In the Name + of Jesus. Amen.

Outside the City of Peace a war wages.  It is an epic battle and the hour of greatest evil: man murders his God.  Everywhere we look is it just wrong.  Creation is fallen and is being abused by demons.  Murders and terrorists go free.  Friends betray and deny their Lord and Master. 

St Mary has the worst of all worlds.  A widow and now watching the horror unfold before her: she sees her Son mocked, tortured, and executed for crimes he did not commit.  It is noon and the sun is blazing in the sky, but it gives no light. 

Strangest of all, the innocent Man is rightly condemned.  This is what His Father, who loves Him and is well-pleased with Him, wants.  It must take place.  For His Father, the jealous God of Moses, is pleased to see Him become sin, to cut Him off from heaven, to not send the angelic host. 

The Lamb’s limbs are stretched in cruel torture and pinned to crossbeams with vicious, tearing nails.  His bones ache with guilt not His own.  His soul suffers agony, melting like wax within Him.  His heart ceases to pump and His side is split open and His life poured out upon the ground. 

There, in the shadow of Mt Zion, He who is Life, died.  The Father gives up the Son.  And Mary, the Mother of our Lord, finds her heart pierced through and through.  She knows sorrow that no widow, no mother should ever know.  Behold her Son!  Behold God!  Beaten and bruised, covered in blood, suffocating under His own weight and the burden of sin!  Everything is wrong at the Cross.  Everything is broken.  It is the reversal of creation.  Order is breaking apart.  Virgins do not have children.  Innocent men are not rightly condemned.  God does not die.

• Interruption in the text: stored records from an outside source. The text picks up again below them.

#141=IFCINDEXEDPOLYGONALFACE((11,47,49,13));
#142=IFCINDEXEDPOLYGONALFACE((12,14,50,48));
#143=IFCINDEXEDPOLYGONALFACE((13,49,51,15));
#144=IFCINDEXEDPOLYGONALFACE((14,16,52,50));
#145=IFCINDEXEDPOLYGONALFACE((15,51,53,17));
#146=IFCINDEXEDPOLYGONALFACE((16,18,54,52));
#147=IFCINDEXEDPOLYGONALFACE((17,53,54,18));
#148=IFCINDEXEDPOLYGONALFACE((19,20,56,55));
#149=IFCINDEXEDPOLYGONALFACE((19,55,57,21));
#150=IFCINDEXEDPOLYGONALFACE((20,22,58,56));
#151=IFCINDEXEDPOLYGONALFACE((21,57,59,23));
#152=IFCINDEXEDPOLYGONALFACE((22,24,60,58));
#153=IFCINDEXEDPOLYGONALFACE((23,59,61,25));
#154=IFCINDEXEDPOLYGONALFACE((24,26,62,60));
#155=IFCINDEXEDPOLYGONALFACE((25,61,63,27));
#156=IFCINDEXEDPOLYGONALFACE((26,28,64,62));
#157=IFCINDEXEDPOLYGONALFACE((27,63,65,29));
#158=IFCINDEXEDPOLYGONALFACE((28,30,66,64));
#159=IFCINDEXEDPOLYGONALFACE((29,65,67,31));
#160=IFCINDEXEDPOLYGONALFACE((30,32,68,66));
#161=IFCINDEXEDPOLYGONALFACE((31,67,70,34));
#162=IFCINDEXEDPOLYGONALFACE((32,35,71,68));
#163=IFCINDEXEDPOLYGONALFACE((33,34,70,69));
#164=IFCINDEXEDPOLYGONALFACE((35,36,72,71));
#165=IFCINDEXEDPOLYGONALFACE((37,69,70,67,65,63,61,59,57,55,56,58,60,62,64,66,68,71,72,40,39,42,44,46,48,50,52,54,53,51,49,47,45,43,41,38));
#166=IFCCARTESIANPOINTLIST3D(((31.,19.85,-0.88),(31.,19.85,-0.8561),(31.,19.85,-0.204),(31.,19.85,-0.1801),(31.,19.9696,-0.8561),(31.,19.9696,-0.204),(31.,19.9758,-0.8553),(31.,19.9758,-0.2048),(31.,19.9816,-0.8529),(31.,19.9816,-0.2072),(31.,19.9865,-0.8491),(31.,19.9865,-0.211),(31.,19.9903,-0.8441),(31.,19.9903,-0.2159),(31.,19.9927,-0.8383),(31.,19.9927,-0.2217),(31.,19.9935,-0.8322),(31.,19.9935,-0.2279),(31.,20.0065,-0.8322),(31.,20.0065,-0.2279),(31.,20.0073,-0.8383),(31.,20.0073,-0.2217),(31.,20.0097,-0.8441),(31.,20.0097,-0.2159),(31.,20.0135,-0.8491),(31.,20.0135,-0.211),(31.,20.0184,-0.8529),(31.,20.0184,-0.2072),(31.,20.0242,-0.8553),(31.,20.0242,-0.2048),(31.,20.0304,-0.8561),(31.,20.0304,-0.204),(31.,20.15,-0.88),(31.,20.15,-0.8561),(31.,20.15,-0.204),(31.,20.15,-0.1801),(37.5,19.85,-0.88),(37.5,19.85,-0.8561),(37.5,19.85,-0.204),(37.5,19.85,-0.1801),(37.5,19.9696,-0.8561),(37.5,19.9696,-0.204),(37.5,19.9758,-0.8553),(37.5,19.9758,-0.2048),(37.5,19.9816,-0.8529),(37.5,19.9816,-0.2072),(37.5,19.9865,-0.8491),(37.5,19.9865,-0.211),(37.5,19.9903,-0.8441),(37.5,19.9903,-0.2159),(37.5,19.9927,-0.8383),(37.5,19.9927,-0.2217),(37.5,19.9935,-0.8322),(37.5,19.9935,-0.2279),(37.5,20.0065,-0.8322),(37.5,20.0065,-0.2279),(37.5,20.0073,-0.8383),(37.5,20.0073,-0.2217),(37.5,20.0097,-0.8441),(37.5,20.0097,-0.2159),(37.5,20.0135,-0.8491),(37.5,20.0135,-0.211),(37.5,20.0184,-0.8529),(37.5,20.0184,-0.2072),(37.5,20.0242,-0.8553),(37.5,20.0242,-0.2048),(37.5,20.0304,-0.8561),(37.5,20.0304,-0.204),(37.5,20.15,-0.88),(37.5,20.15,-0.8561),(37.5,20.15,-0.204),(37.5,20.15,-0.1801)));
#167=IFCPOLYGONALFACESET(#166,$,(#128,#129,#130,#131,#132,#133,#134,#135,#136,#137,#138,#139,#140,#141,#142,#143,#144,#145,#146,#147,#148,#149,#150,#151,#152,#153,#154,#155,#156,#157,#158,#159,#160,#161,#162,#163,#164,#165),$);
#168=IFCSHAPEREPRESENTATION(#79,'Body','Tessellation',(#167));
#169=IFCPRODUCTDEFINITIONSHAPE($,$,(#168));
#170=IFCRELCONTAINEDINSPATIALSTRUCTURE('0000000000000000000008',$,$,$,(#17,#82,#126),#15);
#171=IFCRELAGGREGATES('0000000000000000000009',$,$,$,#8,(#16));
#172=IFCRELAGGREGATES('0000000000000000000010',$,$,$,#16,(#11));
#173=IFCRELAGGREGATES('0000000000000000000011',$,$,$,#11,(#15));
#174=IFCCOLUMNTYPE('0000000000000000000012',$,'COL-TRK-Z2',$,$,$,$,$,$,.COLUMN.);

As the Passover lambs were slaughtered in the Temple, chaos threatened to plunge all creation into disorder, into opposites, into perversions of what it once was.  This is exactly as Satan had hoped in the eating of the fruit!  His tyranny is seen.  We are culpable.  Do not push it off on another.  This is your heritage.  This is the cost of your rebellion, of your lust and greed and selfishness.  He who has ears to hear, let him hear. 

This is the heart of the Christian faith: we preach Jesus Christ and Him crucified.  For in His dying, death itself was consumed.  Chaos was turned inside out.  What man meant for evil, God meant for good.  And the Temple veil no longer hides the mercy-seat of God.  With water and blood, by His very life, Christ puts the universe back in order once more.  He made it good again. 

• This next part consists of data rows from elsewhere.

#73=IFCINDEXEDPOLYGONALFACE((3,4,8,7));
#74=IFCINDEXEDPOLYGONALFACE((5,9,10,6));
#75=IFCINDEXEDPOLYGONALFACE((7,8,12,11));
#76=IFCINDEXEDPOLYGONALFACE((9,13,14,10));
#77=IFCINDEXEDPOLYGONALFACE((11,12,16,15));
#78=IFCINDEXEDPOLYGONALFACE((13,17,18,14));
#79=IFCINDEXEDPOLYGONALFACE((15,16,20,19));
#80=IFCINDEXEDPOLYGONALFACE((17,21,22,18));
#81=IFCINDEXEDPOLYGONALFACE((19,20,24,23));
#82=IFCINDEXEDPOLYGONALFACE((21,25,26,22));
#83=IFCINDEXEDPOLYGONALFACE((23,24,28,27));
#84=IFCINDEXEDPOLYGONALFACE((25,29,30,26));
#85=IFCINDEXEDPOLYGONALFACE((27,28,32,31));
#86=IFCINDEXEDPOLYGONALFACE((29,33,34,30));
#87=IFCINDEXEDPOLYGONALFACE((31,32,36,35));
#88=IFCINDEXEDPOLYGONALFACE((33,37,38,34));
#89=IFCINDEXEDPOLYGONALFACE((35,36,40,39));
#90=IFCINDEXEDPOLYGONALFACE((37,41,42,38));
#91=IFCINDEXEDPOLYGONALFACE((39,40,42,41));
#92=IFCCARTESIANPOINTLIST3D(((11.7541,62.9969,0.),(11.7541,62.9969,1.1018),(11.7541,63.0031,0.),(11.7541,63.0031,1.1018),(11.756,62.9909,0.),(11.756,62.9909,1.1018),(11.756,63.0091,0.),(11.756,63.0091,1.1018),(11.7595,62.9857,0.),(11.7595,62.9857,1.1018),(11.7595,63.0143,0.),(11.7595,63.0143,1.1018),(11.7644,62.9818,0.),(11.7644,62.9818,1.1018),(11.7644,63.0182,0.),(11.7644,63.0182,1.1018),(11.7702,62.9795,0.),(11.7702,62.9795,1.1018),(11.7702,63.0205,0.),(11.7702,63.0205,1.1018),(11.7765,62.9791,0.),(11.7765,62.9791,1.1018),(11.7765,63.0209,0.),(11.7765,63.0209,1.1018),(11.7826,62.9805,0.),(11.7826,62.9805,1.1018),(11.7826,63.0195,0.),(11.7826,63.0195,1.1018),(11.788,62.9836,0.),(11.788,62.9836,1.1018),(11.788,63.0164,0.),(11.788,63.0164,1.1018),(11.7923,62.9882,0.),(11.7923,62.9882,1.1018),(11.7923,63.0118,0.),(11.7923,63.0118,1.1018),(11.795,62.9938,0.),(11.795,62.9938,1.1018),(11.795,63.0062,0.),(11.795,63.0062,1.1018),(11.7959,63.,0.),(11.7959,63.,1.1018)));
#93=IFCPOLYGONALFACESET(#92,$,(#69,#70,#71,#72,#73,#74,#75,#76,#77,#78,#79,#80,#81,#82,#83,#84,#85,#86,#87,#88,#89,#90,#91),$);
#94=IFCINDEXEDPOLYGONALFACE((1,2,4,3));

He yields up His spirit to His Father, ever trusting in Him.  His Body was returned to broken-hearted Mary, for a time; and Nicodemus, no-longer-afraid, and Joseph of Arimathea lay God to rest in the grave. 

It is finished.  The sacrifice is complete.  Justice is satisfied.  Hell’s fires are quenched.  The serpent’s head lies crushed in the Place of the Skull.  And there is no one left to accuse you, or anyone.  Surely this Man is the Son of God.  In the borrowed tomb the Lion of the Tribe of Judah sleeps.  Things are at the Cross are not what they seem to the failing wisdom of man. 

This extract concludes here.